UPSC Maths 2025 Paper 2 Q2a — Solution

15 marks · Section A

Question

Define Cauchy sequence and prove that every convergent sequence of real numbers is a Cauchy sequence. What is the importance of Cauchy condition?

Technique

An $\varepsilon/2$ -argument using the triangle inequality, followed by a discussion of the completeness of $\mathbb{R}$ .

Solution

Definition (Cauchy sequence). A sequence $(a_n)_{n\ge1}$ of real numbers is a Cauchy sequence if for every $\varepsilon > 0$ there exists a positive integer $N$ (depending on $\varepsilon$ ) such that $|a_m - a_n| < \varepsilon \quad\text{for all } m,n \ge N.$ Intuitively, the terms eventually get arbitrarily close to one another, without reference to any limit value.

Theorem. Every convergent sequence of real numbers is a Cauchy sequence.

Proof. Suppose $(a_n)$ converges to a limit $L\in\mathbb{R}$ , i.e. $\forall\,\varepsilon>0,\ \exists\, N\in\mathbb{N}\ \text{ s.t. } |a_n - L| < \tfrac{\varepsilon}{2}\ \text{ for all } n\ge N.$

Let $\varepsilon > 0$ be given. Choose $N$ as above for the value $\varepsilon/2$ . Then for any $m,n \ge N$ , both $|a_m - L| < \varepsilon/2$ and $|a_n - L| < \varepsilon/2$ . By the triangle inequality, $|a_m - a_n| = |(a_m - L) - (a_n - L)| \le |a_m - L| + |a_n - L| < \frac{\varepsilon}{2} + \frac{\varepsilon}{2} = \varepsilon.$

Thus for every $\varepsilon>0$ there is $N$ with $|a_m - a_n| < \varepsilon$ for all $m,n\ge N$ . Hence $(a_n)$ is a Cauchy sequence. $\qquad\blacksquare$

Importance of the Cauchy condition.

Intrinsic criterion for convergence. A Cauchy sequence is defined entirely in terms of its own terms — no prior knowledge of the limit is needed. This lets us establish convergence even when the limit is unknown or hard to compute.
Completeness of $\mathbb{R}$ . The converse — every Cauchy sequence of reals converges — is the completeness property of $\mathbb{R}$ (Cauchy’s general principle of convergence). Together with the theorem above, this gives $\text{a real sequence converges} \iff \text{it is Cauchy}.$ This equivalence characterises $\mathbb{R}$ as a complete metric space.

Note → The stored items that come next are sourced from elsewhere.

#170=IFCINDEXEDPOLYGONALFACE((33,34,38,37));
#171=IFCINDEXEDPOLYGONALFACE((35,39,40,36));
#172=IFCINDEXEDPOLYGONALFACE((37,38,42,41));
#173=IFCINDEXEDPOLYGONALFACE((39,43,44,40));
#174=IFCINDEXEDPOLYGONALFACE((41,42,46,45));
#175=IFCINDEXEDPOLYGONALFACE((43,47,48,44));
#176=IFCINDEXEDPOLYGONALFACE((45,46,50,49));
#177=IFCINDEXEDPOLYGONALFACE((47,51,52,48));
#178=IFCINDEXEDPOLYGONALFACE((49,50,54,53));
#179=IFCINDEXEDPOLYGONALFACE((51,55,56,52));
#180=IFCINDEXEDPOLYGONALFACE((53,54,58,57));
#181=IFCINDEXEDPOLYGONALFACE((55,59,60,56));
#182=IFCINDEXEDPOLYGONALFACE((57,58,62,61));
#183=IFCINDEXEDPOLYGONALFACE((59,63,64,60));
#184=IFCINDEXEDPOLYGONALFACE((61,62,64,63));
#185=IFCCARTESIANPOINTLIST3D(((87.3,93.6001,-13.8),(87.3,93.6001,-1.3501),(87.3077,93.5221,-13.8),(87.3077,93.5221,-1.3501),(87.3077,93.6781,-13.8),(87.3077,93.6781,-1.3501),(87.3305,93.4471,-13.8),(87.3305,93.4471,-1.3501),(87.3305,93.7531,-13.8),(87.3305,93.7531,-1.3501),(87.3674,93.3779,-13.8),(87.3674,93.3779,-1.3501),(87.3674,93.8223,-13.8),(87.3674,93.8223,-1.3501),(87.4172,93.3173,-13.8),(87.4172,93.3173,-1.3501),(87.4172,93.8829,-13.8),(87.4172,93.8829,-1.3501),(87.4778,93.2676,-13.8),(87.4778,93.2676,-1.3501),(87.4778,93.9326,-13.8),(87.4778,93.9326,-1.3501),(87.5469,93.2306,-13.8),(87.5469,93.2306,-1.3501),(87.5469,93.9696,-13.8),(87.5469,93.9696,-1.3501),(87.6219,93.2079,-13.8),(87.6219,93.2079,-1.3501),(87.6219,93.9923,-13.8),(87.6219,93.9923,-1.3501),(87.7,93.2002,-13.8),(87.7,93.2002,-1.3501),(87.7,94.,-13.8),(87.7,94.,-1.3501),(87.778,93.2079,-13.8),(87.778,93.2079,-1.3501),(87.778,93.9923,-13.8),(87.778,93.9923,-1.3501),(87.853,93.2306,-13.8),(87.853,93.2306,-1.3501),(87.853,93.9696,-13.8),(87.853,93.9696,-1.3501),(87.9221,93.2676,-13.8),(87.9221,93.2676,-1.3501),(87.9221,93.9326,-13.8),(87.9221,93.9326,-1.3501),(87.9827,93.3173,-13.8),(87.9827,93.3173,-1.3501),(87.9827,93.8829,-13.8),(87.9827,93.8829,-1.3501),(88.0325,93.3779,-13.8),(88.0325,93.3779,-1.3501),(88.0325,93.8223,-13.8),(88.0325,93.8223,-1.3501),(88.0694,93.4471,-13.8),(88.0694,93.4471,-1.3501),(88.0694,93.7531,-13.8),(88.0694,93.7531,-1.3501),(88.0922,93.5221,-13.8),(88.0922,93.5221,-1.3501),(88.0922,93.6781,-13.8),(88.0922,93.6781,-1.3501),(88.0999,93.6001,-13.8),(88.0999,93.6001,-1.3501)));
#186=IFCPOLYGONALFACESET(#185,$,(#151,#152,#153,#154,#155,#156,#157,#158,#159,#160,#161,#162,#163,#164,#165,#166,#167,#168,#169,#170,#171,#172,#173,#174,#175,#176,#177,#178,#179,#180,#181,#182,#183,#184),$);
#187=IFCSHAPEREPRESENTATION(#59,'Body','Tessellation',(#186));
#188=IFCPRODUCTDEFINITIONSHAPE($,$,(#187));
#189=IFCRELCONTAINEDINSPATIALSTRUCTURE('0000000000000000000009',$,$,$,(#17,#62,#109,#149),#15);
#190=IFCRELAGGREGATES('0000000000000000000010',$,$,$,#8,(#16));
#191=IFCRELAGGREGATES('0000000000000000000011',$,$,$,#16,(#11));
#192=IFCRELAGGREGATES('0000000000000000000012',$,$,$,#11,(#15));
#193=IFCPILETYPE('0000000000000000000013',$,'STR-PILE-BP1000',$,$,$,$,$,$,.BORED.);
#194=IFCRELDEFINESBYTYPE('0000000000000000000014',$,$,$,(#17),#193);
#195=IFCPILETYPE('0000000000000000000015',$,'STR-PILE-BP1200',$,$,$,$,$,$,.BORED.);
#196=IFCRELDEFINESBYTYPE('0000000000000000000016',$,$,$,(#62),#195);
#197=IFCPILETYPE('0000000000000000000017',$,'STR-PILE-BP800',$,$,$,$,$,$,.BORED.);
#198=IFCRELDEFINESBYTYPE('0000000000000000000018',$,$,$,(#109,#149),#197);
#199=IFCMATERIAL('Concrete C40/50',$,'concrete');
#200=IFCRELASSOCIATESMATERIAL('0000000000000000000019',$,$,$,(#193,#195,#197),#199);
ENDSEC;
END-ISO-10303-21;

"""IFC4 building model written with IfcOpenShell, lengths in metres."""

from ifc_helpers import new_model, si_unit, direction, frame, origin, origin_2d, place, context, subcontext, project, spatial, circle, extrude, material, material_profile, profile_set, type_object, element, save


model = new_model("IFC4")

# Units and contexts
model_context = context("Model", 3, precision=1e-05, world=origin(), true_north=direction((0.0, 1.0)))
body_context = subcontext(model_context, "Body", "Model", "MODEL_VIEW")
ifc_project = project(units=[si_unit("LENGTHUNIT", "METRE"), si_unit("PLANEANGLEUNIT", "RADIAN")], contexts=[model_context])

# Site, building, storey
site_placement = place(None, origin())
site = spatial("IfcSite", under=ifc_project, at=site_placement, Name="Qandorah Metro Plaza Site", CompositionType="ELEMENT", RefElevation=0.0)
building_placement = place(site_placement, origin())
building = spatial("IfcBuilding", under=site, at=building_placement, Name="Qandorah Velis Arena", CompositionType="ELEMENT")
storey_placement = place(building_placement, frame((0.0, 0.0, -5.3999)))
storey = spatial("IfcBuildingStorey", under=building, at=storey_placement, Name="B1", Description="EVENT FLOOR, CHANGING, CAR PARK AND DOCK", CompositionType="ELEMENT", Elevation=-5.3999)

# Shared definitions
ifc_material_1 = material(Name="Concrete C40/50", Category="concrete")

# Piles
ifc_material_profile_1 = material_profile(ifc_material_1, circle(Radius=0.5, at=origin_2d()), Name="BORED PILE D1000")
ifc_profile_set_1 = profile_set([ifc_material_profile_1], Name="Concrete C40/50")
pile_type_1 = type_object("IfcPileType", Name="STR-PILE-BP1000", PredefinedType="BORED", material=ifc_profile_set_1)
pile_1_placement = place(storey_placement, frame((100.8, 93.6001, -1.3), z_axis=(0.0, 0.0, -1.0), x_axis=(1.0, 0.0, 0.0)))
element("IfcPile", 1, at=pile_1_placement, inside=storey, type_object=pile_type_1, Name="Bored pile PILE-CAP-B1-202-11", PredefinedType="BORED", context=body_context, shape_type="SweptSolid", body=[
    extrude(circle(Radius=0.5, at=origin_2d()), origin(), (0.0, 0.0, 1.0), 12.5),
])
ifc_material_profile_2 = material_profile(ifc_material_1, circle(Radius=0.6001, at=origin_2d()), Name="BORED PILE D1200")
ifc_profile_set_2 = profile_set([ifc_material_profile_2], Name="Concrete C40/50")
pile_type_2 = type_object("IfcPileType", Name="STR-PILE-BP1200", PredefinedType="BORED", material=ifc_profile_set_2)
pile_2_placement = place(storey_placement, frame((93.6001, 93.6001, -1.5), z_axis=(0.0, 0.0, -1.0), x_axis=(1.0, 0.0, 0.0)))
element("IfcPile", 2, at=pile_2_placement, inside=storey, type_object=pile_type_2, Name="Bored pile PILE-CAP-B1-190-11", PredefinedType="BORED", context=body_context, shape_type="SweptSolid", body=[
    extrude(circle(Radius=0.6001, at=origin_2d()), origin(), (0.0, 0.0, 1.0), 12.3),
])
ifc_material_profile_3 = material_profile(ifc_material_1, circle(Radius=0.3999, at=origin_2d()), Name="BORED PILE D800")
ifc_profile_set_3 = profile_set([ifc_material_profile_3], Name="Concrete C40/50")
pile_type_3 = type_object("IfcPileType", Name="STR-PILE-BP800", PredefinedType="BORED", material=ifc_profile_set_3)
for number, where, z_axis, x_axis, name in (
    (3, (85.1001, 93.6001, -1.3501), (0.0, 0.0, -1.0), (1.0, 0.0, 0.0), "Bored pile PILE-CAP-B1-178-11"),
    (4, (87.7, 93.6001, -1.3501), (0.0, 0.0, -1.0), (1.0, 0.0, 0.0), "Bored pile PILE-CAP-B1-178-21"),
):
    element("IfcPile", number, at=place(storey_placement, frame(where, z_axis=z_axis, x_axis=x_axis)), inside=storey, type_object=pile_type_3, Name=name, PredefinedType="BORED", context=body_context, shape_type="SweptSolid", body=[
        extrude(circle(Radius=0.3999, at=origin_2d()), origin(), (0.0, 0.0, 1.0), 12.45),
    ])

The rationals $\mathbb{Q}$ are not complete: e.g. the decimal truncations of $\sqrt2$ form a Cauchy sequence in $\mathbb{Q}$ with no rational limit.
Foundation for analysis. Completeness underlies the convergence of series, uniform convergence (via the Cauchy criterion), the construction of $\mathbb{R}$ from $\mathbb{Q}$ , the Banach fixed-point theorem, and the theory of complete (Banach) spaces.

Answer

A Cauchy sequence satisfies: $\forall \varepsilon>0\ \exists N$ with $|a_m-a_n|<\varepsilon$ for $m,n\ge N$ . Every convergent real sequence is Cauchy (proved by the $\varepsilon/2$ triangle-inequality argument). The Cauchy condition is important because in $\mathbb{R}$ it is equivalent to convergence (completeness), giving an intrinsic test for convergence that needs no knowledge of the limit.